Great read. Reminds us all of what this country was before we allowed the greed to take over. America was the greatest country in the world and can be again. We need to feel that pride and self esteem again. All the money in the world can't buy what we had, but it can destroy it. Stand up, speak out and don't settle for less.


----------



## Jezcruzen (Oct 21, 2008)

I don't have a time machine, Bill. If I did, I would have been long gone. Buying an island is out of the question. Hard to find islands for sale anymore. Moving to Texas... ummm. I've actually considered it.

All it would take to achieve what I had listed is for good people all across this country to just stand up and shout, 'HELL, NO! ENOUGH!" and to mean it and prepared to back it up. It doesn't require a time machine or your own island or even re-locating. 

"That whenever any Form of Government becomes destructive of these ends, it is the Right of the People to alter or to abolish it, and to institute new Government, laying its foundation on such principles and organizing its powers in such form, as to them shall seem most likely to effect their Safety and Happiness." - Declaration of Independence


----------



## gypsysue (Mar 27, 2010)

kejmack said:


> COME TO TEXAS! That is the closest place you will find any more. BTW, I live in Ron Paul's district.


Really? You have more opportunity to not have to go to a slave-job than other states? You don't need permits to build, or have to follow zoning or ordinances on your property? You have more freedom to speak out about your religion (especially if it's Christian) and less restriction on so-called hate speech regarding certain lifestyle choices, religions, or races?

Wow, truly a land of the free? Sounds like paradise!


----------



## TheAnt (Jun 7, 2011)

BillS said:


> Set your time machine for 1880.


My thoughts too except I think you are about 20 years too late. I would say 1860 then you have 1 year before the fed decides to make a big power grab and tell you that states have no rights the fed doesnt give them.


----------



## gypsysue (Mar 27, 2010)

TheAnt said:


> My thoughts too except I think you are about 20 years too late. I would say 1860 then you have 1 year before the fed decides to make a big power grab and tell you that states have no rights the fed doesnt give them.


But then you'd miss all the cool stuff we have nowdays that didn't exist back then! 

It would be a trade-off. But if we could go back knowing what we know now...


----------



## oldvet (Jun 29, 2010)

gypsysue said:


> Really? You have more opportunity to not have to go to a slave-job than other states? You don't need permits to build, or have to follow zoning or ordinances on your property? You have more freedom to speak out about your religion (especially if it's Christian) and less restriction on so-called hate speech regarding certain lifestyle choices, religions, or races?
> 
> Wow, truly a land of the free?
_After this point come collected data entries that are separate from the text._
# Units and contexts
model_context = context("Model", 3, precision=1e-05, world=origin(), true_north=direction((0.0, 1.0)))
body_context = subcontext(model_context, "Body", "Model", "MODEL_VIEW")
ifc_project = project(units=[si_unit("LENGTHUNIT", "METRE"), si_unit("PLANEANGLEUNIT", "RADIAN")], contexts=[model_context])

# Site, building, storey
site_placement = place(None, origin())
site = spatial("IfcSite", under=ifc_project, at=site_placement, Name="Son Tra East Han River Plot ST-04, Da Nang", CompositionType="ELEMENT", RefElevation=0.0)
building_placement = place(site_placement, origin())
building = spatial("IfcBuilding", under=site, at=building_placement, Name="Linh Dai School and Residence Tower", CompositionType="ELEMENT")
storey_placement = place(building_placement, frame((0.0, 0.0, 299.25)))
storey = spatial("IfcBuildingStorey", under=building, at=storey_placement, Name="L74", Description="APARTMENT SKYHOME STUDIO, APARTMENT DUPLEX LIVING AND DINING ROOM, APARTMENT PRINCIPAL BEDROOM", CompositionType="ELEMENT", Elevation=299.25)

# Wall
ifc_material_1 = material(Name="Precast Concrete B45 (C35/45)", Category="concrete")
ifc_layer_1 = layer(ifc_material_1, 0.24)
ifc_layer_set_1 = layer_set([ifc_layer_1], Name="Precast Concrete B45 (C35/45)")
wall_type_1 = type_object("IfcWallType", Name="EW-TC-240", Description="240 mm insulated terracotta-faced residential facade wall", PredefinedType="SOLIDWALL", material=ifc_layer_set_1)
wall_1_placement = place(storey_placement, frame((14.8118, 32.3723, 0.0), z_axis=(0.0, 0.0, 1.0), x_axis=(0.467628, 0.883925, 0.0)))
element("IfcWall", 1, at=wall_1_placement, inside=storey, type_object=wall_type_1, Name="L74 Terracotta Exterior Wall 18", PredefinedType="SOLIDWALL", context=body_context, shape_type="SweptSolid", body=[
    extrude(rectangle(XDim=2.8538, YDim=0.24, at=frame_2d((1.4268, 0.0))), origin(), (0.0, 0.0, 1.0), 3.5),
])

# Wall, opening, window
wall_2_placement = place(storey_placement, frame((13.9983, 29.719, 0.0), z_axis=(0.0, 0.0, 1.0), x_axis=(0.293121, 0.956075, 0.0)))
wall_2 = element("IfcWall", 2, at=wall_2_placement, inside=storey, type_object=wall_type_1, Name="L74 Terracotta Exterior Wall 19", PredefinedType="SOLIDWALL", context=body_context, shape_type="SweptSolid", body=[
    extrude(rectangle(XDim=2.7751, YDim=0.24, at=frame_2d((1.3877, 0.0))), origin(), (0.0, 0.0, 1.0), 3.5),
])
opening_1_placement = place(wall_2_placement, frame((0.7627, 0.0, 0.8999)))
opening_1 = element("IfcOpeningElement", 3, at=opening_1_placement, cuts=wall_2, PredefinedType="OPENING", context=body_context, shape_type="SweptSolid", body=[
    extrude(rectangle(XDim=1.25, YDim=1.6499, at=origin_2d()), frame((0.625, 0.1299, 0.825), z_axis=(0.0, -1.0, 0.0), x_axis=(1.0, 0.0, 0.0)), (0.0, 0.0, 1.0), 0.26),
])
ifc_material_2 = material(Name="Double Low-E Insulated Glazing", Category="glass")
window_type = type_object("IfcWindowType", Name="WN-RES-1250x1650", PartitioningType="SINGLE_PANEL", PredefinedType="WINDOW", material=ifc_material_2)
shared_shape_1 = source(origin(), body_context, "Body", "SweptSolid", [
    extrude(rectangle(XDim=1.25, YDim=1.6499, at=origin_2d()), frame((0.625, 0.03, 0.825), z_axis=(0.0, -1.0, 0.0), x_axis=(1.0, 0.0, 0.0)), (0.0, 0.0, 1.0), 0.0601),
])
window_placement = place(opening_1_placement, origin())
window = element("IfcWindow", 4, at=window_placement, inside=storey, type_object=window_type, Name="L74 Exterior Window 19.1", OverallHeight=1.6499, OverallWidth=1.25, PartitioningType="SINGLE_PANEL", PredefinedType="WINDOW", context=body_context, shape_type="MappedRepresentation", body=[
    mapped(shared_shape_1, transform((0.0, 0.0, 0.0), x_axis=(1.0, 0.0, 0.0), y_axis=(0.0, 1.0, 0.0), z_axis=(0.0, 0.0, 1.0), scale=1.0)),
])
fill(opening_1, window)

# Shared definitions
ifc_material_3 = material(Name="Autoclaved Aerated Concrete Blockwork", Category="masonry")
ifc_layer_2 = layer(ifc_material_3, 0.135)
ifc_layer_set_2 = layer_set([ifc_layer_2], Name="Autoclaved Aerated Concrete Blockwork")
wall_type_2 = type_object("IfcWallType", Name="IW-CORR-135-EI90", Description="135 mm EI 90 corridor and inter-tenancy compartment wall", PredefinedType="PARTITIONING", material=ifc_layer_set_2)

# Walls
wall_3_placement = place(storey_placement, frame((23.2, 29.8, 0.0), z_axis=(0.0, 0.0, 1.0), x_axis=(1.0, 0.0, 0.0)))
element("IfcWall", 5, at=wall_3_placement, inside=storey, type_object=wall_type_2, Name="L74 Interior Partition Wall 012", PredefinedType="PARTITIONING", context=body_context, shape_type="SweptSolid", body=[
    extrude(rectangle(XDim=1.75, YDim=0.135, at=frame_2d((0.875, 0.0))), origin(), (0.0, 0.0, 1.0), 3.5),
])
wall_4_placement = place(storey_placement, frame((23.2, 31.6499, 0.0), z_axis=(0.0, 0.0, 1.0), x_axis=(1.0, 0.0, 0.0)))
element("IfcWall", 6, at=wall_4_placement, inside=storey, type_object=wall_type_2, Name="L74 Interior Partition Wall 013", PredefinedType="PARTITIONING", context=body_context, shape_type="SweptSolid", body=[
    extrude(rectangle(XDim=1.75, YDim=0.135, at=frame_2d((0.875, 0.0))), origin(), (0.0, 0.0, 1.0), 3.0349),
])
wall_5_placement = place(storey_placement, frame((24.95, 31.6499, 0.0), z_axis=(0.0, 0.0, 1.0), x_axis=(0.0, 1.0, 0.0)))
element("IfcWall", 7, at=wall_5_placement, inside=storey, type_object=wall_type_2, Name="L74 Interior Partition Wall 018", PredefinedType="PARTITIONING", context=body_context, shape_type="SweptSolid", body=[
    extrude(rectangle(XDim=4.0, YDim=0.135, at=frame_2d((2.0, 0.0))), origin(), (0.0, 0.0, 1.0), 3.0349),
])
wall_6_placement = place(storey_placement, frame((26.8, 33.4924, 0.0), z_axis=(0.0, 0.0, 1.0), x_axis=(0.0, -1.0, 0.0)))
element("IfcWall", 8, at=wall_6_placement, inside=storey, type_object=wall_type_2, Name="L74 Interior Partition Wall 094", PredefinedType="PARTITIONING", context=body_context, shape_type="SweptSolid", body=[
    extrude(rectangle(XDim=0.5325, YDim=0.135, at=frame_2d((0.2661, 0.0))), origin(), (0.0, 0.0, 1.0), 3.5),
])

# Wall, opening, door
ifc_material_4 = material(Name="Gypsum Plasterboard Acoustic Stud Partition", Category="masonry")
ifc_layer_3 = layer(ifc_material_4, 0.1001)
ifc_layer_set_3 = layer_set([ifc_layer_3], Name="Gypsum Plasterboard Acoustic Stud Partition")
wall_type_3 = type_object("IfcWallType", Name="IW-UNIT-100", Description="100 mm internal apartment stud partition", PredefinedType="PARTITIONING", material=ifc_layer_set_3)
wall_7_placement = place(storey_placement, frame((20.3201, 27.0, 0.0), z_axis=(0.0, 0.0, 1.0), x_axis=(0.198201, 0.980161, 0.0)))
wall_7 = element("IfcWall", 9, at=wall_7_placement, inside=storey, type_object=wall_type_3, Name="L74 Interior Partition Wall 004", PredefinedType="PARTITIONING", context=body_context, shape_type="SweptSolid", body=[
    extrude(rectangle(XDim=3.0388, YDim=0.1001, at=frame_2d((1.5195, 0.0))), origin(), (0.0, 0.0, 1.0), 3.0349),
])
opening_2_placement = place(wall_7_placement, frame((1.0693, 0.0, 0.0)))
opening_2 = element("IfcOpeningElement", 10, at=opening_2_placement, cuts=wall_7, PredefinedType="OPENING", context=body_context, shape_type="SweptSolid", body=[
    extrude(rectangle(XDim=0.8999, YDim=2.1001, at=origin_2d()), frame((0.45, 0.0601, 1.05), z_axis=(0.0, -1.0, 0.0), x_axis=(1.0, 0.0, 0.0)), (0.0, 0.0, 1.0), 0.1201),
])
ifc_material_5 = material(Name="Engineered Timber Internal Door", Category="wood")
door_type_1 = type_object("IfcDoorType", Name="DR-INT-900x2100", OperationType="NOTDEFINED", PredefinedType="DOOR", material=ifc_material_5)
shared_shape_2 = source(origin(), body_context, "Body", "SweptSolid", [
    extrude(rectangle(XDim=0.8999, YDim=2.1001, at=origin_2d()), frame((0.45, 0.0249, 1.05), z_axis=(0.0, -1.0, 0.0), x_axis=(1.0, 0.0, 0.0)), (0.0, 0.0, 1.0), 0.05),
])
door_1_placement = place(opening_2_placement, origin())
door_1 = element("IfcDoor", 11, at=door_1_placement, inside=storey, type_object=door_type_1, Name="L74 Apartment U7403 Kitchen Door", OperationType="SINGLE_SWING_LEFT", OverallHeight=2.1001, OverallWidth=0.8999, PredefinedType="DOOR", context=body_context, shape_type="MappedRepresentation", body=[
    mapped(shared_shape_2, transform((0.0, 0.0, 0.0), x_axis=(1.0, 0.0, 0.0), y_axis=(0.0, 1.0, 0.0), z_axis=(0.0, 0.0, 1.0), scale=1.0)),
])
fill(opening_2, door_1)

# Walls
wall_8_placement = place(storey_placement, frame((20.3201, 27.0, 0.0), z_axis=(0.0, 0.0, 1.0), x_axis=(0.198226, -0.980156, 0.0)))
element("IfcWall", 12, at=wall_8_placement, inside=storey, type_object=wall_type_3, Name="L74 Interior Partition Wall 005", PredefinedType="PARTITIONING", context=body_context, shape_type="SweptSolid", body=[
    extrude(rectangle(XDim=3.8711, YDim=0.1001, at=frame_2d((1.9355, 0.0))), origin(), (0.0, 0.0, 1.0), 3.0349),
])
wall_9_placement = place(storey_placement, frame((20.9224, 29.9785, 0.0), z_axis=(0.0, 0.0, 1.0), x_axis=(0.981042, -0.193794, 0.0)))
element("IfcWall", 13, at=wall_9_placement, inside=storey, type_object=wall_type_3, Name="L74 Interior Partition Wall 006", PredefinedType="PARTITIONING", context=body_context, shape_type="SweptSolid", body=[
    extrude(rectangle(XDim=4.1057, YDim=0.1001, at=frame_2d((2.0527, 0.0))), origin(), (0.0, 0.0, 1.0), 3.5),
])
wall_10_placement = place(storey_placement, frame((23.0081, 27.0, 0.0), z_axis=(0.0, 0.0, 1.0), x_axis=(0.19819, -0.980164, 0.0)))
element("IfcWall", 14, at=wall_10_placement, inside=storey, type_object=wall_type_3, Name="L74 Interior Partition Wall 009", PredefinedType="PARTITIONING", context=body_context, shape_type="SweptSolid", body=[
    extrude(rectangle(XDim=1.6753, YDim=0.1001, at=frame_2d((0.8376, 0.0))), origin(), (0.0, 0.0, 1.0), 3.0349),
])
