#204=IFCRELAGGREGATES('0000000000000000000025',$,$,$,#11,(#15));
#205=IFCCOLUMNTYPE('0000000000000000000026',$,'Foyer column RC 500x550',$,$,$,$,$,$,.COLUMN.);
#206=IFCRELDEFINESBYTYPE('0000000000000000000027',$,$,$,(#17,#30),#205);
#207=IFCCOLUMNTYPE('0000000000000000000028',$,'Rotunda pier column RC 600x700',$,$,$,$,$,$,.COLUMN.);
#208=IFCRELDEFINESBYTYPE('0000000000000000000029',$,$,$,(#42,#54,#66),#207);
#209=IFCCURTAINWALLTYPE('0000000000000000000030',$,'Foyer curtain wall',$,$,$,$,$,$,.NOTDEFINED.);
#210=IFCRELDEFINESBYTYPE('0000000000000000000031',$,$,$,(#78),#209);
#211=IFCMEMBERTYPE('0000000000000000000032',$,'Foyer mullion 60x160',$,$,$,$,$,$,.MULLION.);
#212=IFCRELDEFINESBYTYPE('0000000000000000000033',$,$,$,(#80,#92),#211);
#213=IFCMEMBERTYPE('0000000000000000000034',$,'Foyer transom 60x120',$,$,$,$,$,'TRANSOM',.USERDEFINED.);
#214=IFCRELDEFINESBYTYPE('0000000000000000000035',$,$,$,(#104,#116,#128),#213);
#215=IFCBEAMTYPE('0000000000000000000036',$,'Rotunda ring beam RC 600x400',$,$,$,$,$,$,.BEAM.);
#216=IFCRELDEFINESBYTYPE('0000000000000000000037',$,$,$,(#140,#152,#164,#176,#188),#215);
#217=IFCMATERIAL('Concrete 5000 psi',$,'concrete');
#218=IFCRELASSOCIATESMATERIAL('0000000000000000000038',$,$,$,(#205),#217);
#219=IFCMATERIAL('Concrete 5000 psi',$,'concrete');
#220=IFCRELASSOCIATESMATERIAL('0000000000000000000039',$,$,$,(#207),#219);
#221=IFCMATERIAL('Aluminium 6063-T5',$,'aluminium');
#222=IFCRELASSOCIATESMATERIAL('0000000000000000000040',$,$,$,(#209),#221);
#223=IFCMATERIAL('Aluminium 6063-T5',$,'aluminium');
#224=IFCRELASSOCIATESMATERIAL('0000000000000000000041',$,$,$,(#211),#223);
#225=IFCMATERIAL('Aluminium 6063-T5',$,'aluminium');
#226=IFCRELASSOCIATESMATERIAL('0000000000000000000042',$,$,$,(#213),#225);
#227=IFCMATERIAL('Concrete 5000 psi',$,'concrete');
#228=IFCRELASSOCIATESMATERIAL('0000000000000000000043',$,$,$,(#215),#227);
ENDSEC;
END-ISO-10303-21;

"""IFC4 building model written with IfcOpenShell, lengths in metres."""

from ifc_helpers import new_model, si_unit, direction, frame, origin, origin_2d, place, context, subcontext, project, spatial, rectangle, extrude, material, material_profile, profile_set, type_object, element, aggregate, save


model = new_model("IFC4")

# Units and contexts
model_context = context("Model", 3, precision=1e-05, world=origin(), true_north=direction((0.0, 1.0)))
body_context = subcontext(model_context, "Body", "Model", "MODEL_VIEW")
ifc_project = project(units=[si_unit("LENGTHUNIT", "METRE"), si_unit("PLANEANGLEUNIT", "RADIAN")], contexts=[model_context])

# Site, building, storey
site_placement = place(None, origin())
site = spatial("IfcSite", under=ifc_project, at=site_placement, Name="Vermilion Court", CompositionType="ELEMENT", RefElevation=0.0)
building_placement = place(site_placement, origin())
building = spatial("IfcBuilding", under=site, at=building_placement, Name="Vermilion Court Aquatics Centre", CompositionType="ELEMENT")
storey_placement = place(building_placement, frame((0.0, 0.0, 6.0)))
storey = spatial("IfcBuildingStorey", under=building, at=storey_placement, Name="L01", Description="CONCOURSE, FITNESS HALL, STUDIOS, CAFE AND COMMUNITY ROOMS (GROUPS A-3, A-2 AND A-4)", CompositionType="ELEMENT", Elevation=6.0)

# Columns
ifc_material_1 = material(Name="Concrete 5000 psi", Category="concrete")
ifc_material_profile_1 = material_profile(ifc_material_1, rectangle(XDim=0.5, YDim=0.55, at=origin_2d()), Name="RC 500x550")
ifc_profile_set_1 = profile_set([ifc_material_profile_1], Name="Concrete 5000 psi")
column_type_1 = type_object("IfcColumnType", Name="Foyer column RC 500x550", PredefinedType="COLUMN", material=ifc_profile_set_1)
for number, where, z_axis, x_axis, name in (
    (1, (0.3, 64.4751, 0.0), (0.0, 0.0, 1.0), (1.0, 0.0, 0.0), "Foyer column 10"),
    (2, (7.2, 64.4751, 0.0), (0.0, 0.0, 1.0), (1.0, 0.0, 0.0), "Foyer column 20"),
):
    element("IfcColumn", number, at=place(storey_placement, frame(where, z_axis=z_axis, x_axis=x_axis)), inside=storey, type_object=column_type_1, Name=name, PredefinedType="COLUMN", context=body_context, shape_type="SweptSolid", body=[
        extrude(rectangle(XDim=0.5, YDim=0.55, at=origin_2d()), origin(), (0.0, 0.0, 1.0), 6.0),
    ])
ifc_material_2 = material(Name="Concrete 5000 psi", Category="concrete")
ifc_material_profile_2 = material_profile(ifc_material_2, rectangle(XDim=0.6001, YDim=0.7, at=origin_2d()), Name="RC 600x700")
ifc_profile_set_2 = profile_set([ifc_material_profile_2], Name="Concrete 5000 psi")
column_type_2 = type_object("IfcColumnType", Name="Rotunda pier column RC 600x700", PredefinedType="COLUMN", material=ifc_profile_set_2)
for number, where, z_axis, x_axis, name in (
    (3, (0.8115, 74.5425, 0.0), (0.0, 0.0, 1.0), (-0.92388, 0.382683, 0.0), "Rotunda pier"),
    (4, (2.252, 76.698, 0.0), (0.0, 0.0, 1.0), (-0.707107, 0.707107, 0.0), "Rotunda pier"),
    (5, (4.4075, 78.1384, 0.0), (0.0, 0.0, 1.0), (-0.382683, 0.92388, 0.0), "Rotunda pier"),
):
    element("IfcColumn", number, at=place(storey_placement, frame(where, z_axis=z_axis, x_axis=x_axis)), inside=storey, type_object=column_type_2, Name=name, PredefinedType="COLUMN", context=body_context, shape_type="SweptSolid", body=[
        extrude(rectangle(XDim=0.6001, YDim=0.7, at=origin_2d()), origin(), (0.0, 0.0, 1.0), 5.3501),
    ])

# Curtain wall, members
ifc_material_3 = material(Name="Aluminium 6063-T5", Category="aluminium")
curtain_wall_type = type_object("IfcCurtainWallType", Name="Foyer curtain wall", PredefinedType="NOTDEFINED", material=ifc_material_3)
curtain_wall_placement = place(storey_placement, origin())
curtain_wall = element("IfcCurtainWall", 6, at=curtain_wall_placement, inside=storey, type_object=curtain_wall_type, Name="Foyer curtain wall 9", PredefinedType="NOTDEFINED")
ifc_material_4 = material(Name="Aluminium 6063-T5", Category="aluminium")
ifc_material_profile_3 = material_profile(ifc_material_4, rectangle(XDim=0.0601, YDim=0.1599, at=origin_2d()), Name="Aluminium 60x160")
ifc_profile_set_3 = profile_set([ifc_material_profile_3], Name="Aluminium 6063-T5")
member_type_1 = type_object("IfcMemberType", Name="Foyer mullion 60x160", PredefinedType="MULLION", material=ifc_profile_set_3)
Sounds like paradise!


Apparently someone is seeing or experencing something here in Texas that I must have missed. 
Let me see.
Building permits? Yep.
Min. wage slave jobs? Yep.
Property zoning and city, county and state ordinances? Yep.
More freedom of speach in Texas? Nope.
More freedom of religion or to speak about religion in public than any other State? Nope.
Less restriction on so called hate speach? Nope.

Wait a minute I think I just fiured it out, Texas has no more freedoms than any other State.


----------



## BillT (Oct 31, 2011)

I always wished I was born around 1820.

In general we do have more freedoms of rights here in SW Virginia than some other places that I have experienced, or experiences I have learned about from others.

Just a couple of examples:

I'm a member of some classic car sites and some cities won't even let you store an unregistered car "inside" a garage. 

I'm also a member of a contractor site and some places won't even let you sneeze without a permit. 

We also cannot be stopped in our vehicles without a good reason and the officers always explain why, nicely yet. I've been stopped in other states for no reason at times, no explanation, and a horrible attitude to boot. 

Bill


----------



## Jimmy24 (Apr 20, 2011)

Well I'll tell you a story from 2007 on a trip to see my daughters in CA.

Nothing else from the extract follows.